Following the "Exploring Mayan EDMS" book I was able to create a email source. Now I need to extract information from sender email address and from the subject of emails and associate these information to two metadata.
Some one has experience about that?
Thanks.
Extract metadata from email
Re: Extract metadata from email
- First you create a document type, e.g. mail
- Then you set up two meta data types: subject and sender and associate them with the document type you created.
- When you set up the mail-source you choose the document type
- And in the two drop downs metadata subject and metadata sender you select the two meta data types you created.
Re: Extract metadata from email
Manually I can assign the subject and sender metadata has you described. But I need a way/process, that automatically, extract these metadata from mail and, and assign these values to the downloaded email and attaches.
Thanks
Thanks
Re: Extract metadata from email
I would like to 2nd this argument.
How can the header data be parsed for the informations contained there?

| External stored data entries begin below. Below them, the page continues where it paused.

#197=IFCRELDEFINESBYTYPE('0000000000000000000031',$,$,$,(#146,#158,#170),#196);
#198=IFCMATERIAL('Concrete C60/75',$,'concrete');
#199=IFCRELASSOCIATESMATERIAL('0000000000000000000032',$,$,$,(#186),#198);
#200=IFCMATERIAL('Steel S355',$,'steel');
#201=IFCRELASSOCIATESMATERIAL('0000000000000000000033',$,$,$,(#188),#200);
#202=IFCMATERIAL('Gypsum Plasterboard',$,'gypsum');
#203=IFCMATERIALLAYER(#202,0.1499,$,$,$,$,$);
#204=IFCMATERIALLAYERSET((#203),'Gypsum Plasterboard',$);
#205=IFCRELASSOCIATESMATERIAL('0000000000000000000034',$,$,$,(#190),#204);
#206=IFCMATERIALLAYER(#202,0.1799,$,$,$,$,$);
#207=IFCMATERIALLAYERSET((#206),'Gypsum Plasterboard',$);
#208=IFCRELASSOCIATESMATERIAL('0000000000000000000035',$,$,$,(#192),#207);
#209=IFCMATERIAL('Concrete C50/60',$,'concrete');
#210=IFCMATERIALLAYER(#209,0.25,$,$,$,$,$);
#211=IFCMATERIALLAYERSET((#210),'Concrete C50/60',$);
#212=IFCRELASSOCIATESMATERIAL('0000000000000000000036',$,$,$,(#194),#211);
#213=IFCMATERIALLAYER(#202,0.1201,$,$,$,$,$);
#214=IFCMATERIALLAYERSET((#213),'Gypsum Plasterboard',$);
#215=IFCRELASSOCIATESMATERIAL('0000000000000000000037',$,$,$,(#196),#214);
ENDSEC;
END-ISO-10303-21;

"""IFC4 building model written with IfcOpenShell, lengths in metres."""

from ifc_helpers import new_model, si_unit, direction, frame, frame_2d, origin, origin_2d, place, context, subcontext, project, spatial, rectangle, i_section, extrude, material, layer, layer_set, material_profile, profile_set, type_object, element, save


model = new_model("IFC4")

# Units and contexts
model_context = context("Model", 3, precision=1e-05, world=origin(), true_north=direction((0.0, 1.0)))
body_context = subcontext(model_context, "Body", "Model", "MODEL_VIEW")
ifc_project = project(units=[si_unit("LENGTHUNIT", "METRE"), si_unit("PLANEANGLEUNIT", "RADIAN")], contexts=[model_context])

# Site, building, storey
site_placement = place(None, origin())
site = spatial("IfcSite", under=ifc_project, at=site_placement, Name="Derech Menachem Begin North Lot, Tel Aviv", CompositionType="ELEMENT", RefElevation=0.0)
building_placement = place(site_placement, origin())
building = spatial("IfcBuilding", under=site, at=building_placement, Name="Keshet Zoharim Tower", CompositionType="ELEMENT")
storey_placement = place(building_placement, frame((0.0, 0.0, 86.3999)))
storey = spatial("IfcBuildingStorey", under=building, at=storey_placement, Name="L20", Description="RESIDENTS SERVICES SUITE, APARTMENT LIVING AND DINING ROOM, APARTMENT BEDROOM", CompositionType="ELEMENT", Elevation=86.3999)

Also it seems, html body needs to be handled seperatly. In default it is just a "dead document".
Another problem I do have: the move into... after parsing seem not to work for me. The mails just got deleted.
How can the header data be parsed for the informations contained there?
Also it seems, html body needs to be handled seperatly. In default it is just a "dead document".
Another problem I do have: the move into... after parsing seem not to work for me. The mails just got deleted.
Re: Extract metadata from email
I configured this with Workflow and some obscure templates to sanitize input.
- Mail Source assign specific Document Type.
- Workflow applied to this Document Type.
- Workflow has no reset transition -> executed only once.
- Mail header looks like "DocNumber DocDate DocHeader" and being temporary saved by Mail Source in metadata field called meta_header. For ex.: "01-08-320 01.09.2020 Hello There"
- In Workflow State Actions temporary value of meta_header splitted by space and then parts of it used to fill in corresponding metadata fields: DocNumber => list[0] => meta_number, DocDate => list[1] => meta_date. Last action extracts DocHeader => list[2:] and updates meta_header with final value.
States Transitions (Triggers: Document version parsing finished) No Actions for 0% state Actions for 100 %state. It's important to have numbers in front of names of actions, because they execute by name, and i want to add metafields first, and to update meta_header field last. Action 0 - Add metadata fields meta_number and meta_date Action 1 - Edit metadata field meta_number. Value of this field must be DocNumber.
Code: Select all
{% regex_sub "\s+" " " document.metadata_value_of.meta_header as tmp_header %}{% with tmp_header.strip|split:" " as header_splitted %}{% regex_match "[0-9]" header_splitted.0 as starts_with_number %}{% if starts_with_number %}{{ header_splitted.0 }}{% endif %}{% endwith %}
- regex_sub used for replace multiple whitespaces "\s+" to single space and result saved as tmp_header
- .strip used for strip spaces from beginning and end of tmp_header, then tmp_header splitted by space and result saved as header_splitted
- regex_match checks that item with index 0 of header_splitted starts with any number and result saved as starts_with_number
- if starts_with_number is True, then write value of header_splitted.0 to metadata field. Else do nothing.
Code: Select all
{% regex_sub "\s+" " " document.metadata_value_of.meta_header as tmp_header %}{% with tmp_header.strip|split:" " as header_splitted %}{% regex_match "[0-9]" header_splitted.1 as starts_with_number %}{% if starts_with_number %}{{ header_splitted.1 }}{% endif %}{% endwith %}
Code: Select all
{% regex_sub "\s+" " " document.metadata_value_of.meta_header as tmp_header %}{% with tmp_header.strip|split:" " as header_splitted %}{% regex_match "[0-9]" header_splitted.0 as starts_with_number_0 %}{% regex_match "[0-9]" header_splitted.1 as starts_with_number_1 %}{% if starts_with_number_0 and starts_with_number_1 %}{{ header_splitted | slice:"2:" | join:" " }}{% else %}{{ tmp_header.strip }}{% endif %}{% endwith %}
Re: Extract metadata from email
This is an impressive workflow setup @spirkaa. Thanks for sharing it!